Product debt is created when product elements, or features, inefficiently or unnecessarily consume the limited resources available to the product. Features high in product debt impede future development by leaving less resources remaining for new features to utilize. For example, a website application has a limited space resource, the amount of area that it has to place elements on the screen. Existing product elements that use this space inefficiently leave less area remaining for new product elements to utilize. If the product team adds features that require more space than they are implicitly asking the user to allocate more of the space resource to their product, perhaps in the form of scrolling. As is the case with most scarce resources, the marginal cost of the space resource tends to increase as more is requested. Products with high levels of product debt will find that many of their features go unnoticed or unused because users aren’t willing to invest the resources required to find or take advantage of them.

Creating intuitively useable products is a challenging process. Part of this challenge comes from the fact that product creation is such a highly domain-specific undertaking. Product debt provides a strong abstract foundation for analyzing the aspects of products that disrupt usability. Since disrupting current usability is synonymous to impeding future product development, product debt is a useful paradigm for designers to consider as part of the production creation process.

Sundaram
Chen
Ries

I plan to explore the product debt paradigm further in future blog posts…

More on Resources #

For users of the product, input resources can be thought of as costs, and like costs can be subdivided into two categories: fixed and variable. Fixed resources are the minimum amount of resources required by the product to produce any value at all. People that aren’t willing to front the fixed costs won’t use the product, and therefore the designer can assume a certain level of fixed resources when creating the product. Variable resources are the additional resources that users allocate towards a product. What makes variable resources so important is that they are under the control of the user; it is up to the discretion of the user to decide the magnitude and makeup of these resources. This variability is what allows products to conceptually grow or shrink to meet the needs of each individual user. Managing variable resources is of utmost importance when designing flexible products for overlapping market segments.

Time and Transparency #

When considering the product function, the resources required to create a certain level of value will change with time, so time is an important dimension to consider. In particular, as a user gets to know a product better, the product efficiency should naturally increase. This effect is known as the learning curve. The learning curve is an additional element that designers should consider as part of the product creation process. The most important part of this is transparency into the product function. The first thing many users do after installing a new mobile app is investigate the settings page. They do this because it provides insight into the scope and capabilities of the product, which in turn provides insight into the estimated learning curve. By providing a high level of transparency into the purpose of the product, the designer can better convince users to allocate the required time to reach parts of the learning curve with higher product efficiency.

Types of Product Debt #

Similar to tech debt, product debt can be classified into two categories: unintentional and intentional. Unintentional product debt is created when previously made design decisions no longer mesh with the current conceptual model of the product. Unintentional product debt is often difficult to remove because existing users have become accustomed to it. Intentional product debt is created when poorly designed features are added to the product, usually as part of a conscious tradeoff for in some other product dimension (such as being able to release the feature sooner). A special subset of intentional product debt is the debt created by testing the viability of new features in the main product. This type of intentional product debt is costly for a company because it represents wasted product, engineering, and design effort both implementing the feature and dealing with the aftermath of failed attempts.

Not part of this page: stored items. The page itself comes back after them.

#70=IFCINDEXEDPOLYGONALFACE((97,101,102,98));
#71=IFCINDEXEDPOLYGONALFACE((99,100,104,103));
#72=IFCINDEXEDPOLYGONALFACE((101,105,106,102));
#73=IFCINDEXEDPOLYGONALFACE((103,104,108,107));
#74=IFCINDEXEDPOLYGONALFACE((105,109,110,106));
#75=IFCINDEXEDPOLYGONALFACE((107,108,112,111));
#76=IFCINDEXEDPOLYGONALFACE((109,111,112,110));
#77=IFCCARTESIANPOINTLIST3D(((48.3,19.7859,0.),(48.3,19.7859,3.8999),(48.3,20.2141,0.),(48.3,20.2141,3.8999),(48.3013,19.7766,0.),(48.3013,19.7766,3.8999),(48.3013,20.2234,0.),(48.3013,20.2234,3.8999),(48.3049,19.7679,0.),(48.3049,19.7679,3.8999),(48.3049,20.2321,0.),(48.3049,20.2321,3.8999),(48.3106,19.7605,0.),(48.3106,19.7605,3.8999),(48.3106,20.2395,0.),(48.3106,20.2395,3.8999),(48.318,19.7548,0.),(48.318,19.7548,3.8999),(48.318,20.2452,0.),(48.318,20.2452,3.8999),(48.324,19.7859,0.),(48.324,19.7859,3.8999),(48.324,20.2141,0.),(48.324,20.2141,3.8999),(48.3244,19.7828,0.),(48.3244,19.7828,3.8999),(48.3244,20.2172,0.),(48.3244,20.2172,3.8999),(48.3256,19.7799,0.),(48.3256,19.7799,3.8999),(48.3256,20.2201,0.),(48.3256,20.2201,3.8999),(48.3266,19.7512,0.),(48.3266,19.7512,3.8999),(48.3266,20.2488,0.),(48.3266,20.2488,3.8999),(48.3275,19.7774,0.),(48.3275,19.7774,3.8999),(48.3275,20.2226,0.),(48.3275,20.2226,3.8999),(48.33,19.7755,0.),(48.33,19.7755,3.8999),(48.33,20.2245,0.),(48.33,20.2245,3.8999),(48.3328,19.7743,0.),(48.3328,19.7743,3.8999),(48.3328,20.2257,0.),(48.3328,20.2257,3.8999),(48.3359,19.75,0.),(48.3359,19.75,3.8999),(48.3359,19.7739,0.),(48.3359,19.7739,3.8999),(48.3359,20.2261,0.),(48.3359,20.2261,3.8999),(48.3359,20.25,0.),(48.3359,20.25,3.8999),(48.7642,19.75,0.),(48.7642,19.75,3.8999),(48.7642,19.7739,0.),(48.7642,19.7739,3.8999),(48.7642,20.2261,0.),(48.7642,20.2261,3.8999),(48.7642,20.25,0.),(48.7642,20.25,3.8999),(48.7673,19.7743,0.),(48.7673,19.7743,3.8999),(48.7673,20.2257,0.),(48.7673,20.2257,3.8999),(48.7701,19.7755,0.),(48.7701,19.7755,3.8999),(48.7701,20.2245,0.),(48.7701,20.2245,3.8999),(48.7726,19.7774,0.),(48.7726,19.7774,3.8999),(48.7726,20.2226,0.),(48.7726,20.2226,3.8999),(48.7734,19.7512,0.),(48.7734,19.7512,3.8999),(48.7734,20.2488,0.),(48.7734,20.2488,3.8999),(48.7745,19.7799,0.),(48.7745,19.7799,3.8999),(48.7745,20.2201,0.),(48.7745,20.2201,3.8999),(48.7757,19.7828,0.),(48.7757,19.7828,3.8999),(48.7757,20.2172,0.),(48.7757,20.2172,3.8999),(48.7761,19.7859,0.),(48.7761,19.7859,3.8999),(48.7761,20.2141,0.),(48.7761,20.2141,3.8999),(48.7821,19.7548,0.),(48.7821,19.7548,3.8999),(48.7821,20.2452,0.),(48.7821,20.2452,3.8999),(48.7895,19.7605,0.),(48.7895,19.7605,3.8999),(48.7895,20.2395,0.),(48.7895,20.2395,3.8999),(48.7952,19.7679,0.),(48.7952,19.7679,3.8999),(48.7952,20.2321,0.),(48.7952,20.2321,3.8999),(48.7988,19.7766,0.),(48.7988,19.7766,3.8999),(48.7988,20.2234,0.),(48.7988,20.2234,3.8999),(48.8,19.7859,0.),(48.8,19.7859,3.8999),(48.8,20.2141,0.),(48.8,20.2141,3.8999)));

Reducing Unintentional Product Debt #

Unintentional product debt is the thorn in the side of product designers. It’s difficult to get rid of, and impossible to direct blame towards, and always present, impeding the evolution of the product. Its difficulties derive from the fact that unintentional product debt is a natural result of product evolution. Features that were once validated by external circumstance can not be equally viable as external circumstances change. This change can be so subtle that at times it leaves product managers questioning their original justifications for implementing the feature in the first place. The simple fact is that those justifications were sound, but leave the inevitable clean up problem as circumstances change. One way to solve this problem is through modularization. As the product evolves to fit different circumstances, pull out the aspects that are no longer compatible with the new circumstances into a separate product that is limited in usage to the earlier circumstances. This is a strategy that Facebook is taking with large parts of their complex product infrastructure (e.g. Messenger, Paper).

Reducing Intentional Product Debt #

Intentional product debt is a tradeoff. In its most common form it’s a tradeoff between moving faster now and incurring more product debt (inhibiting future growth) or moving slow now and incurring less product debt (potential to move faster later). This tradeoff can’t be escaped, but strategies have been developed to push the exchange rate in the designer’s favor. For example, Eric Ries’ Build-Measure-Learn loop is a strategy for reducing the cost of finding intentional product debt, thus improving the ratio between moving fast now and the potential to move fast later. Build-Measure-Learn is an abstract strategy, and can be implemented in different ways depending on the type of feature being validated. One special case of this is split testing. Split testing is the practice of implementing and releasing multiple versions of the same feature, and then letting metrics decide which version ultimately gets kept and which gets thrown out. Split testing is a powerful decision making tool for product managers to use on the class of low implementation effort, high subjectivity decisions.

Shifting the Expectation Function #

Obviously one way of decreasing product debt is to increase the efficiency of product features. Another way of decreasing product debt, however, is to change the expectations of the user. Since both the product function and the expectation function move up and to the right, this can be done by either shifting the expectation curve up, or shifting the expectation curve right. Shifting the expectation curve up is essentially convincing your user base that they desire a greater value that your product can provide. Since this is often accompanied by an increase in required resources, the situation is similar to process of a company heading “up-market” to reach “higher margins” that Clayton Christensen describes in The Innovator’s Solution. Shifting the expectation curve right is essentially convincing your user base that the level of value that they desire deserves more resources than they were originally intending on allocating. This can be done several ways, one of which is through gamification. Gamification essentially creates new value dimensions (perhaps fun, or competitiveness) out of thin air, and then uses them as justification for additional resource allocation. Another way this could be done is through marketing.

Flow #

It’s not necessarily true that in all situations the goal is to maximize the product function. Just as using products too high in technical debt can feel useless or impossible, using products too low in technical debt can feel boring or unimportant. That also doesn’t mean that the product function should be designed to meet the expectation function. Rather, the amount of discrepancy between the product function and the expectation function should be considered as part of the product creation process. This is somewhat meta, as the discrepancy between reality and expectations can also be modeled in terms of reality and expectations. In The Design of Everyday Things, Donald Norman discusses the concept of flow, which is the state of a user when performing a task at the appropriate level of difficulty that they can become totally immersed in it. For many products, the process of design can be seen as a means for finding and optimizing for flow.

Product Runway #

I think negative product debt can be thought of as a product’s runway, in a similar sense to Eric Ries’ startup runway, which he defines as number of the startup’s remaining viable pivots. To this extent, a product can be designed to optimize for runway length, or in other words, ease of product transition. For example, consider two features A and B that have each been validated. When deciding which feature to implement first, it’s useful to consider the direction of implementation (above and beyond considering just the marginal product value that each feature adds) as it relates to product runway. Is it easier to transition the product from A to B, or B to A? Does implementing A first leave a longer product runway than implementing B first? These are important questions to consider as part of the product creation process.